NO DEJÉIS EL CUCHILLOSOBRE EL PIANO
                                                                          1
            Se levantó pesadamente de la cama y dio unos pasos inseguros. La cabeza le daba vueltas. Se dirigió hacia la terraza, a la que se accedía por el dormitorio. Aunque le separaban de la puerta pocos metros, le pareció que no iba a llegar nunca.
            -La maldita terraza- murmuró-. ¿Está en alguna parte?
            El sol le golpeó en la cara. Fue como salir de un túnel, del túnel de la noche, podía decir. Ahora se enfrentaba a un mundo luminoso, tanto o más amenazador que la misma noche.

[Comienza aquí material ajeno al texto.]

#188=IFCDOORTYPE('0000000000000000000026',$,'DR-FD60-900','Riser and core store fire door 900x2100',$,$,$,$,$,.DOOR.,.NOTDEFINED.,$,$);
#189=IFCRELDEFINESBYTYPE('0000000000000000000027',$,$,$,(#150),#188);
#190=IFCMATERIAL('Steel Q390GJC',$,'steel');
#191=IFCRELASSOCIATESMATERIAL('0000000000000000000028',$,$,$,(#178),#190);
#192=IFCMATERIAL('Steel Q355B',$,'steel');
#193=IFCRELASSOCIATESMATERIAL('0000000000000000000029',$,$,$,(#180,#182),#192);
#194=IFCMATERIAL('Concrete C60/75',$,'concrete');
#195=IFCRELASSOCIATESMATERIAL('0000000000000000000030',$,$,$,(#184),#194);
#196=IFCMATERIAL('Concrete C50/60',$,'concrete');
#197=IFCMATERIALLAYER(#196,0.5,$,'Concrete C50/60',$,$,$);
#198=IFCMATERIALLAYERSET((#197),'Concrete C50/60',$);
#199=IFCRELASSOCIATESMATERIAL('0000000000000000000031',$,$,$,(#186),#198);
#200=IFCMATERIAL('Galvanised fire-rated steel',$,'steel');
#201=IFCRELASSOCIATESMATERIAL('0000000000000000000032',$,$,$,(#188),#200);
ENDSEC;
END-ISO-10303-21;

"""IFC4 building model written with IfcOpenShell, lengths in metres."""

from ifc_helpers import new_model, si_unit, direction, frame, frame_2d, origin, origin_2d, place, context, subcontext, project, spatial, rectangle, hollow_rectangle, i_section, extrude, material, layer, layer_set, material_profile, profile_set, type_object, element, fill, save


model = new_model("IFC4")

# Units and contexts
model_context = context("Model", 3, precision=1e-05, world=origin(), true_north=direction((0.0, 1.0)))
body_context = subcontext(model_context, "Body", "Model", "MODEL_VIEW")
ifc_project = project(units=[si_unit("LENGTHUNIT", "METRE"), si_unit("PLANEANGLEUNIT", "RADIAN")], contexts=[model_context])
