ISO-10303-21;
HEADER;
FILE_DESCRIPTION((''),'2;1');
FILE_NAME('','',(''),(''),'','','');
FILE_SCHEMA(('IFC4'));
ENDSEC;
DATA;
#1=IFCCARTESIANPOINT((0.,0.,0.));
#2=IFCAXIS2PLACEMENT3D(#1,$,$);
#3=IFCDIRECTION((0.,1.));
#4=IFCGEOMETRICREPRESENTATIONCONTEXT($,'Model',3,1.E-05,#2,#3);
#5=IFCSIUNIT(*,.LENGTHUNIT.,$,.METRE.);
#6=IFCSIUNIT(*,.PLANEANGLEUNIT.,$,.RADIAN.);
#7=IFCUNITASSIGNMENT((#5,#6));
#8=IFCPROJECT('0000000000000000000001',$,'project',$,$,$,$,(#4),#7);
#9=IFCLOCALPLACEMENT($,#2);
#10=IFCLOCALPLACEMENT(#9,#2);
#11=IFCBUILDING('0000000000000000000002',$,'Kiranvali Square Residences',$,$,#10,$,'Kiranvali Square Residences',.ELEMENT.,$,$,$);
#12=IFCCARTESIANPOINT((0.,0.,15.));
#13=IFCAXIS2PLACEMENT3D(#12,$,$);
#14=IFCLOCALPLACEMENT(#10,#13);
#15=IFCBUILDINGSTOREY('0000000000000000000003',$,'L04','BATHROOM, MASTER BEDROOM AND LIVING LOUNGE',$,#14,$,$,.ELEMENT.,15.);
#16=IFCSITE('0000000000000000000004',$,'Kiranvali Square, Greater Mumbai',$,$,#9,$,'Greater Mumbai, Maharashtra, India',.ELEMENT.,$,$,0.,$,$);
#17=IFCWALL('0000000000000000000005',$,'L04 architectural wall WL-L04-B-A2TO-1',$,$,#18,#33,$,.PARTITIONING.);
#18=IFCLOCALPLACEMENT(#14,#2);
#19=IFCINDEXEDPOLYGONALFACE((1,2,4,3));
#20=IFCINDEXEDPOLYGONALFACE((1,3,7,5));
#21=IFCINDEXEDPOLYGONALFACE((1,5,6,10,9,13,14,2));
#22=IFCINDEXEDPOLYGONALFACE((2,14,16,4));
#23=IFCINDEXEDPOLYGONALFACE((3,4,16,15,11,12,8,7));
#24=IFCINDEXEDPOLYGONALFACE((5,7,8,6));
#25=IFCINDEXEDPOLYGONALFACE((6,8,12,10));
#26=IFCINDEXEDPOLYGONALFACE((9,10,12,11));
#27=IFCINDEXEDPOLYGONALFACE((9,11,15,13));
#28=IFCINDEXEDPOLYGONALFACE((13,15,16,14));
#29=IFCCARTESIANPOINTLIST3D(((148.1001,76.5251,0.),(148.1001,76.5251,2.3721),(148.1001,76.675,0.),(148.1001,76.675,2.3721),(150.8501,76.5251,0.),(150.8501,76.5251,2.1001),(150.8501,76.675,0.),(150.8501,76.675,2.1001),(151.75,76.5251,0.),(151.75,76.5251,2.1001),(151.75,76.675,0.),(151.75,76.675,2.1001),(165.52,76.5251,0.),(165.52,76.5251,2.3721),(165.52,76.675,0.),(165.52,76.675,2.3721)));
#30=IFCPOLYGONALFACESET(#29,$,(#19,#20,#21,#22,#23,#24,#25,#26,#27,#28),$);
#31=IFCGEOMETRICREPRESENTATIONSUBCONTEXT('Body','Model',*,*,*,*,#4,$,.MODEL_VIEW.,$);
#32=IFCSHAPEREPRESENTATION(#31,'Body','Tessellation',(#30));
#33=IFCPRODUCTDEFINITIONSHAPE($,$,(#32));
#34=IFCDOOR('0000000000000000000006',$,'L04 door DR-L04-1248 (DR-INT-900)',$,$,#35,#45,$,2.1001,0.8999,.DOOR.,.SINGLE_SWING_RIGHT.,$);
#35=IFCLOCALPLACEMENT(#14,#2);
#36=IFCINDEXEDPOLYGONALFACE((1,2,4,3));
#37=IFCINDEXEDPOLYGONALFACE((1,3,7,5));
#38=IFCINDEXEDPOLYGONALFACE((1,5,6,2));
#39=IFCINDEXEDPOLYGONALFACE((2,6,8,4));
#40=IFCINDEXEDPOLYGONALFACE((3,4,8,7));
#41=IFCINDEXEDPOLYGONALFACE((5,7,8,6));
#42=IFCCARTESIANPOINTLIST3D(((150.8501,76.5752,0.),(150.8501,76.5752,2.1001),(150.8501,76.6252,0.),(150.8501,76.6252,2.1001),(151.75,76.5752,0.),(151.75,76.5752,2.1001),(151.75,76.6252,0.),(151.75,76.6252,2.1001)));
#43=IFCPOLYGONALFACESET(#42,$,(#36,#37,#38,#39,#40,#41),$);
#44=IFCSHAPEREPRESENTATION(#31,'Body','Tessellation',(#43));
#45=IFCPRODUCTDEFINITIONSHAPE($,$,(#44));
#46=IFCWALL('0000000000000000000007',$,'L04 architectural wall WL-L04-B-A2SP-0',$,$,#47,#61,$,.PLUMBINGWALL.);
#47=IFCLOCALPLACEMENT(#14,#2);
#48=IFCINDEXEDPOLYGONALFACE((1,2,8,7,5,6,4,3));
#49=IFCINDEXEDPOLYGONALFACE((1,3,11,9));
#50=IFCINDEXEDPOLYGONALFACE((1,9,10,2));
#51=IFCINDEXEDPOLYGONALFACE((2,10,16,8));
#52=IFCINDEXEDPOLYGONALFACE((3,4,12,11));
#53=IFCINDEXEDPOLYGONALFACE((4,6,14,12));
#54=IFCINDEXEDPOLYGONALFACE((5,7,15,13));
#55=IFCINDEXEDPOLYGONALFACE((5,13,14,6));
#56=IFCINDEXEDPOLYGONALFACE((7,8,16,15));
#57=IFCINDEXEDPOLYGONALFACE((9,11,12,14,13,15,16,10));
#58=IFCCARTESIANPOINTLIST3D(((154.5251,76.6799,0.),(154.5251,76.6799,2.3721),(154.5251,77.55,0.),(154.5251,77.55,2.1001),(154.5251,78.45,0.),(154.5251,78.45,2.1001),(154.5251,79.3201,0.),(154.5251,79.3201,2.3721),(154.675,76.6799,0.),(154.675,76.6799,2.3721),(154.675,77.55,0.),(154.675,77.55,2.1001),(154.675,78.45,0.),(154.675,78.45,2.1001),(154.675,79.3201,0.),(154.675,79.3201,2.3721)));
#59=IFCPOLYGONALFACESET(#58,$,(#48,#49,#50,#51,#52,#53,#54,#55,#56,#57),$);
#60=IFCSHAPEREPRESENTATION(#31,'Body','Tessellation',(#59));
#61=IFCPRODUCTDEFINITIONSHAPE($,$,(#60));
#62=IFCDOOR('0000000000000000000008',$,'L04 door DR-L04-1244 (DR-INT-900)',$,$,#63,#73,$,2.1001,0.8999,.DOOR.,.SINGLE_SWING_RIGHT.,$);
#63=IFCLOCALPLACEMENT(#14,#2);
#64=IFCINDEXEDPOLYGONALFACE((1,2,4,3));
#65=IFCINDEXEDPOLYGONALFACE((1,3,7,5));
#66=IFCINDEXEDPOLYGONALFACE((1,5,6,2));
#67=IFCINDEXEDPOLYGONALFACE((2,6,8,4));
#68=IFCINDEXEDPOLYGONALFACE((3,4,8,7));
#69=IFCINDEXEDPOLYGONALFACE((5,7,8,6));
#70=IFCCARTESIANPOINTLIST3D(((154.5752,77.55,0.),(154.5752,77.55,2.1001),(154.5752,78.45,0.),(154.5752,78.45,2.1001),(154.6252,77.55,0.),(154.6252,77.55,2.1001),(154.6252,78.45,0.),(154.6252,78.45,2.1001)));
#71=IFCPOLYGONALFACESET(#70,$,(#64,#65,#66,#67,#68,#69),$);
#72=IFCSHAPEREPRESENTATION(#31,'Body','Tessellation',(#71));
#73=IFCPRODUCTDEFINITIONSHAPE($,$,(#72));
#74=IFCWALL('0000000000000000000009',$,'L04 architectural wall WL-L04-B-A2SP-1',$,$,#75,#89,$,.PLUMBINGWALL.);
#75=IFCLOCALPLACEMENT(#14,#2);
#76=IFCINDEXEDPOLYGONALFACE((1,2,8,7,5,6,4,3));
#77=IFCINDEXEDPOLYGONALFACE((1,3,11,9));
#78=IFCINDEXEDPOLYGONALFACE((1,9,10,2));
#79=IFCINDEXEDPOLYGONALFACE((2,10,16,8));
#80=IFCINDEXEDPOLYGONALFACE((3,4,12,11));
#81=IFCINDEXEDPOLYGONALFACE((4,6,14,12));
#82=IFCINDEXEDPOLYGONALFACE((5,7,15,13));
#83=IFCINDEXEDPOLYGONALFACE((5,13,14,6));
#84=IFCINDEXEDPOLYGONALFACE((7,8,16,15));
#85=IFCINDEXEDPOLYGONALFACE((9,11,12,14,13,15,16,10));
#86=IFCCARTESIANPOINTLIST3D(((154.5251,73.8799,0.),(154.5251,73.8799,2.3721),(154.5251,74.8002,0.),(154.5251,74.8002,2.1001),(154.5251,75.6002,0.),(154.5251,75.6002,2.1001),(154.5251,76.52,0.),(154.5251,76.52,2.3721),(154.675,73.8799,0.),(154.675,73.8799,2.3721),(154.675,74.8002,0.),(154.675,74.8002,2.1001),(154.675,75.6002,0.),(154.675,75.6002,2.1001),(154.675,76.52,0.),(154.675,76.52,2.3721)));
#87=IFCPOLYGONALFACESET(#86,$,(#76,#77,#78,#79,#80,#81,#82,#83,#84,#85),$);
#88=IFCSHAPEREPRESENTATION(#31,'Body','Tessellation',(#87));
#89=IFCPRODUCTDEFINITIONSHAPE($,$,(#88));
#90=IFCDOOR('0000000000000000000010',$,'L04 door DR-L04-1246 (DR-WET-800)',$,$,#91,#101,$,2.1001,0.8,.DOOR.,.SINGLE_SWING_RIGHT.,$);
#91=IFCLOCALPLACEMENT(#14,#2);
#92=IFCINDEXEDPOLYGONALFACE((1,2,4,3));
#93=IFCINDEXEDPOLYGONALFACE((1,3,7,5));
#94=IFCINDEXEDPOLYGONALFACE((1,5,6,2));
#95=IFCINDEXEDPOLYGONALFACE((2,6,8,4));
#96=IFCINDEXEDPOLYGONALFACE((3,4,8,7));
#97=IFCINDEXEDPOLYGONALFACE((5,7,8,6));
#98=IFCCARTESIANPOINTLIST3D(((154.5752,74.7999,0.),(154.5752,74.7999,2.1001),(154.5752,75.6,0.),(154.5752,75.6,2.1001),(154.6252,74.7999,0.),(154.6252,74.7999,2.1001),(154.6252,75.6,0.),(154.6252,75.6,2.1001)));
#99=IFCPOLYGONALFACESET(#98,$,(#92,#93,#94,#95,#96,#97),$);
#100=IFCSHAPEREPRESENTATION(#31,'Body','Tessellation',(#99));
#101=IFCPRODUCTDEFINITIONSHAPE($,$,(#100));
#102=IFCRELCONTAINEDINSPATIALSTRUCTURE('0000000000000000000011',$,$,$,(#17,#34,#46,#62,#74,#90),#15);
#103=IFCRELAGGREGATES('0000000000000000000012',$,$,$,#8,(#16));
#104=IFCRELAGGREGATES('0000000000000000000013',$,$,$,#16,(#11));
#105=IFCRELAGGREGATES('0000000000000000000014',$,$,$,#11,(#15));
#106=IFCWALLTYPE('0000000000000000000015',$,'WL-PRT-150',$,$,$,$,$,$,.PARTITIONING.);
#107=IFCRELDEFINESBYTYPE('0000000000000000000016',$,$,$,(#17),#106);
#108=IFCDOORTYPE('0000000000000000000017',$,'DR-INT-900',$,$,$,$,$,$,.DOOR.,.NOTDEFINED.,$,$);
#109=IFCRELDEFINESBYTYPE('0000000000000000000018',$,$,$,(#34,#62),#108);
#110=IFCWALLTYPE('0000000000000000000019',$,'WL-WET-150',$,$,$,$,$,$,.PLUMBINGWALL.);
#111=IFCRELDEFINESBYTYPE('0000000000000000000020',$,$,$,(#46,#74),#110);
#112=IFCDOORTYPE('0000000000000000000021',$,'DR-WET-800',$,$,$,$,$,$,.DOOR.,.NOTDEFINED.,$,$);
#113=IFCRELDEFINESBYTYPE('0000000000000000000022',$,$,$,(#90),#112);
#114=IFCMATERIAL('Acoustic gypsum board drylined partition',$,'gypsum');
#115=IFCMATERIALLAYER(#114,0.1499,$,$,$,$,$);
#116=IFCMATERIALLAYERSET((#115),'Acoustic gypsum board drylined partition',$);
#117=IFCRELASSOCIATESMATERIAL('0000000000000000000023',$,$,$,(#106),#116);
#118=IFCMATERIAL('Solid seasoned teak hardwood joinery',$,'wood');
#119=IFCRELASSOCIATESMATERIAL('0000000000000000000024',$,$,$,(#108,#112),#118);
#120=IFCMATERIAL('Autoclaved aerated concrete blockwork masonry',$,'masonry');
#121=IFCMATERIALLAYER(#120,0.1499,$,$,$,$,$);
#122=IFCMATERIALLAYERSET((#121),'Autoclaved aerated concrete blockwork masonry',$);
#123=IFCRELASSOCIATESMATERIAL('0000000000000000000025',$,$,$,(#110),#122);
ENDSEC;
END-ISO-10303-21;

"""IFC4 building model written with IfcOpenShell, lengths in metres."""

from ifc_helpers import new_model, si_unit, direction, frame, frame_2d, origin, place, context, subcontext, project, spatial, rectangle, extrude, material, layer, layer_set, type_object, element, fill, save


model = new_model("IFC4")

# Units and contexts
model_context = context("Model", 3, precision=1e-05, world=origin(), true_north=direction((0.0, 1.0)))
body_context = subcontext(model_context, "Body", "Model", "MODEL_VIEW")
ifc_project = project(units=[si_unit("LENGTHUNIT", "METRE"), si_unit("PLANEANGLEUNIT", "RADIAN")], contexts=[model_context])

# Site, building, storey
site_placement = place(None, origin())
site = spatial("IfcSite", under=ifc_project, at=site_placement, Name="Kiranvali Square, Greater Mumbai", LongName="Greater Mumbai, Maharashtra, India", CompositionType="ELEMENT", RefElevation=0.0)
building_placement = place(site_placement, origin())
building = spatial("IfcBuilding", under=site, at=building_placement, Name="Kiranvali Square Residences", LongName="Kiranvali Square Residences", CompositionType="ELEMENT")
storey_placement = place(building_placement, frame((0.0, 0.0, 15.0)))
storey = spatial("IfcBuildingStorey", under=building, at=storey_placement, Name="L04", Description="BATHROOM, MASTER BEDROOM AND LIVING LOUNGE", CompositionType="ELEMENT", Elevation=15.0)

# Shared definitions
ifc_material_1 = material(Name="Autoclaved aerated concrete blockwork masonry", Category="masonry")

# Walls, openings, doors
ifc_material_2 = material(Name="Acoustic gypsum board drylined partition", Category="gypsum")
ifc_layer_1 = layer(ifc_material_2, 0.1499)
ifc_layer_set_1 = layer_set([ifc_layer_1], Name="Acoustic gypsum board drylined partition")
wall_type_1 = type_object("IfcWallType", Name="WL-PRT-150", PredefinedType="PARTITIONING", material=ifc_layer_set_1)
wall_1_placement = place(storey_placement, frame((148.1001, 76.6001, 0.0), z_axis=(0.0, 0.0, 1.0), x_axis=(1.0, 0.0, 0.0)))
wall_1 = element("IfcWall", 1, at=wall_1_placement, inside=storey, type_object=wall_type_1, Name="L04 architectural wall WL-L04-B-A2TO-1", PredefinedType="PARTITIONING", context=body_context, shape_type="SweptSolid", body=[
    extrude(rectangle(XDim=17.4199, YDim=0.1499, at=frame_2d((8.71, 0.0))), origin(), (0.0, 0.0, 1.0), 2.3721),
])
opening_1_placement = place(wall_1_placement, frame((2.75, 0.0, 0.0)))
opening_1 = element("IfcOpeningElement", 2, at=opening_1_placement, cuts=wall_1, PredefinedType="OPENING", context=body_context, shape_type="SweptSolid", body=[
    extrude(rectangle(XDim=0.8999, YDim=2.1001, at=frame_2d((0.45, 1.05))), frame((0.0, 0.085, 0.0), z_axis=(0.0, -1.0, 0.0), x_axis=(1.0, 0.0, 0.0)), (0.0, 0.0, 1.0), 0.1699),
])
ifc_material_3 = material(Name="Solid seasoned teak hardwood joinery", Category="wood")
door_type_1 = type_object("IfcDoorType", Name="DR-INT-900", OperationType="NOTDEFINED", PredefinedType="DOOR", material=ifc_material_3)
door_1_placement = place(opening_1_placement, frame((0.8999, 0.0, 0.0), z_axis=(0.0, 0.0, 1.0), x_axis=(-1.0, 0.0, 0.0)))
door_1 = element("IfcDoor", 3, at=door_1_placement, inside=storey, type_object=door_type_1, Name="L04 door DR-L04-1248 (DR-INT-900)", OperationType="SINGLE_SWING_RIGHT", OverallHeight=2.1001, OverallWidth=0.8999, PredefinedType="DOOR", context=body_context, shape_type="SweptSolid", body=[
    extrude(rectangle(XDim=0.8999, YDim=2.1001, at=frame_2d((0.45, 1.05))), frame((0.0, 0.0249, 0.0), z_axis=(0.0, -1.0, 0.0), x_axis=(1.0, 0.0, 0.0)), (0.0, 0.0, 1.0), 0.05),
])
fill(opening_1, door_1)
ifc_layer_2 = layer(ifc_material_1, 0.1499)
ifc_layer_set_2 = layer_set([ifc_layer_2], Name="Autoclaved aerated concrete blockwork masonry")
wall_type_2 = type_object("IfcWallType", Name="WL-WET-150", PredefinedType="PLUMBINGWALL", material=ifc_layer_set_2)
wall_2_placement = place(storey_placement, frame((154.6001, 79.3201, 0.0), z_axis=(0.0, 0.0, 1.0), x_axis=(0.0, -1.0, 0.0)))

            Se miró el cuerpo sorprendido, como si se hubiera olvidado de que tenía cuerpo. A veces uno se olvida de las cosas más elementales. Pero ¿cómo diablos iba a olvidarse de sus más de dos metros de estatura y sus ciento cincuenta y ocho kilos de peso?

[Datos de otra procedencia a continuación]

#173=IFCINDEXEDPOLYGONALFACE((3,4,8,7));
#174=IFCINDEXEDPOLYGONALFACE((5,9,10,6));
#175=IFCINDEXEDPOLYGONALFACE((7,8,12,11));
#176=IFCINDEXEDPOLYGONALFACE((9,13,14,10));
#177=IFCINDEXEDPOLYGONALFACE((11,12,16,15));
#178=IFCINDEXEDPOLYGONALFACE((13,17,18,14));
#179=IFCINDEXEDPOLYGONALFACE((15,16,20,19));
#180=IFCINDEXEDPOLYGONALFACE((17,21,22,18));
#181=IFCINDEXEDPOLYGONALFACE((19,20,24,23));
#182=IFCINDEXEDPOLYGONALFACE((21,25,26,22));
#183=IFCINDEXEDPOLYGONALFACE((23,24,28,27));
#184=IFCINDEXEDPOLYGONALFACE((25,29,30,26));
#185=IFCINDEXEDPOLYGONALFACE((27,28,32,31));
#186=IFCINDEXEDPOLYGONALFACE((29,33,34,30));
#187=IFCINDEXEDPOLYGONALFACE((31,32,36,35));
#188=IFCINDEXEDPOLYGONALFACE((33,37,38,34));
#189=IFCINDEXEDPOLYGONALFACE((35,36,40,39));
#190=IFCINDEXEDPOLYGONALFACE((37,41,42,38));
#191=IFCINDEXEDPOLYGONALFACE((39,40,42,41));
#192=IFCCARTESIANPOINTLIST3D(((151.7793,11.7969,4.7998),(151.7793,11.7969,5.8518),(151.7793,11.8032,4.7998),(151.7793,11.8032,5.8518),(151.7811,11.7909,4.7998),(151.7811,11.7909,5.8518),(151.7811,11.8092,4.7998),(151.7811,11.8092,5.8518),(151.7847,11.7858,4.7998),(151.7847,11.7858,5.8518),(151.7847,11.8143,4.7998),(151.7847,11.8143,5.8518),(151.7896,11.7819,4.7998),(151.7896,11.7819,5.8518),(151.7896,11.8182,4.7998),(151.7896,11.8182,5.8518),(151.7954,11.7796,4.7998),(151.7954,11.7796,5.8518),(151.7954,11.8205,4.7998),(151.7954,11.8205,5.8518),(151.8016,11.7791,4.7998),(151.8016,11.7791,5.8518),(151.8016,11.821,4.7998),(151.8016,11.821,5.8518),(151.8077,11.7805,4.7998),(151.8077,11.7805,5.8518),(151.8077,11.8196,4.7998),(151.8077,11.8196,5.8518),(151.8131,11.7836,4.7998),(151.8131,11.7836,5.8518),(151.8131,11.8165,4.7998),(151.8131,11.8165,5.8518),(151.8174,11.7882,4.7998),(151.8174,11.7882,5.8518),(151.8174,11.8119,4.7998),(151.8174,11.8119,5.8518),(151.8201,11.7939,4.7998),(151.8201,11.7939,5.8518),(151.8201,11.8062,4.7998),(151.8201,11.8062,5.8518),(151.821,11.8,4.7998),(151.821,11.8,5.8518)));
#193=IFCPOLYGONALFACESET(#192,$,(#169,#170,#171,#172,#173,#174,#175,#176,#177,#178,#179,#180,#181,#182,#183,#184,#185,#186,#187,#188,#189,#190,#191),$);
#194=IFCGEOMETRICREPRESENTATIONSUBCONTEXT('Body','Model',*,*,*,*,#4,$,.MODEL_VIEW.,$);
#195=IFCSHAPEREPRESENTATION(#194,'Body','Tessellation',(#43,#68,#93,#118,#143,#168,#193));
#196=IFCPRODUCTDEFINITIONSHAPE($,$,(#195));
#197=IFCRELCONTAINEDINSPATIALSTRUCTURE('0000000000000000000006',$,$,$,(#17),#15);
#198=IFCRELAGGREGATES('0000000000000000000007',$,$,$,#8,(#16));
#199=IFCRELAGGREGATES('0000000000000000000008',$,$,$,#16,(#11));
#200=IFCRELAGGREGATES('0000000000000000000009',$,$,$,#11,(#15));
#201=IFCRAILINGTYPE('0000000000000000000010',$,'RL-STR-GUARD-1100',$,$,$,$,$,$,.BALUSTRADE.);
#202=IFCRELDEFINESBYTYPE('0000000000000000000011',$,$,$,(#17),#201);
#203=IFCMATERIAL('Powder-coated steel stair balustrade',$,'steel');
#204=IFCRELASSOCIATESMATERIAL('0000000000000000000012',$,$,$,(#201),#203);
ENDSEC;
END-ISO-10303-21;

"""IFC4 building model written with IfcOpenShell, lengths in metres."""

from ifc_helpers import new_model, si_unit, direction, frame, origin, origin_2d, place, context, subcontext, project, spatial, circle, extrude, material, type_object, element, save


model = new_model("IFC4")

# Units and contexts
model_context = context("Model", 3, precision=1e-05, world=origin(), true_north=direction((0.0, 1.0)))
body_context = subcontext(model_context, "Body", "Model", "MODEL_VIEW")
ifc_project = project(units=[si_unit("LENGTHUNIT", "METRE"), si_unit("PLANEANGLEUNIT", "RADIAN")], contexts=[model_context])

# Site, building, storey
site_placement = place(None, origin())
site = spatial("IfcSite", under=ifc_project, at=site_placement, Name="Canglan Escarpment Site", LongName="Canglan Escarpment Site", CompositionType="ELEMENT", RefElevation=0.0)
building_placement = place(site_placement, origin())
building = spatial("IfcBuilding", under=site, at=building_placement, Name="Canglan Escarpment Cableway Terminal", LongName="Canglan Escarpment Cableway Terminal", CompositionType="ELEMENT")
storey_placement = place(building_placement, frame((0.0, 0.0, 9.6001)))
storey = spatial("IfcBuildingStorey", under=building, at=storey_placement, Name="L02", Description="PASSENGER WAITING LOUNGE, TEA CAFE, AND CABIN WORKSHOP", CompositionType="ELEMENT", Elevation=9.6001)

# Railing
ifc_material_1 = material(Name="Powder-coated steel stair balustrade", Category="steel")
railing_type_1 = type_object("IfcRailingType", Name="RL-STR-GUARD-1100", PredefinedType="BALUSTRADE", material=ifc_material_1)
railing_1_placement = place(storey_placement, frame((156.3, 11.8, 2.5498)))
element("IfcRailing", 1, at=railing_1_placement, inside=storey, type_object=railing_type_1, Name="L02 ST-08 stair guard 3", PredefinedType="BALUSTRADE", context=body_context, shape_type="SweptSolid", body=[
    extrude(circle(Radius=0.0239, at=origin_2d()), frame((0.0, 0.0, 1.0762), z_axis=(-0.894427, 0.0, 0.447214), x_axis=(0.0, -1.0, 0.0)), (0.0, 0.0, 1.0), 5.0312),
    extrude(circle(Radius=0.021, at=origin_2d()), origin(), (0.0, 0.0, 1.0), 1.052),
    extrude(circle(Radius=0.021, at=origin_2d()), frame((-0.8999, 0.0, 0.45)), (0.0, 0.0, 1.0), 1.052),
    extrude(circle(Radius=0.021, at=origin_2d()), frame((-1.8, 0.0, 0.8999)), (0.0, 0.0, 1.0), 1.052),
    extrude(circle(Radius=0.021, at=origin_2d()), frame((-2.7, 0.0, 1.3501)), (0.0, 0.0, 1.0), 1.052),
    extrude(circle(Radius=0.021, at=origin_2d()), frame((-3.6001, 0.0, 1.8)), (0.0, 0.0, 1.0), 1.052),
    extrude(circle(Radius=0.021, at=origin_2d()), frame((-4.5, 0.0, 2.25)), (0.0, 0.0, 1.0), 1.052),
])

            Tampoco se había olvidado de quién era: Arthur Piggy Harkins. Casi un viejo, pero con fuerzas para recuperarse de aquella espantosa mala racha.
            Piggy era el mote por el que le conocía todo el mundo. Al principio, cuando le fue bien con lo de las salchichas, sus amigos comenzaron a llamarle en broma Piggybank. Para muchos sólo era eso, un cerdito de barro repleto de dinero. Finalmente se quedó con Piggy.
            El día era espléndido. Su pijama negro de seda podía ser el atuendo de un pirata. La brisa, que llegaba del East River, le atravesaba el fino tejido de los pantalones y le cosquilleaba en las sensibles cerditas de los testículos. Eso le produjo cierta sensación de seguridad en sí mismo, como si en aquellos pelillos residiera algún centro vital de su identidad como persona. Todo lo demás, todo lo que le rodeaba, estaba diluido en la distancia. La densidad de la materia de la que estaban hechas las cosas se debilitaba a medida que se alejaba de sus testículos. Por eso dedujo que sus testículos eran el centro del universo, al menos en ese momento.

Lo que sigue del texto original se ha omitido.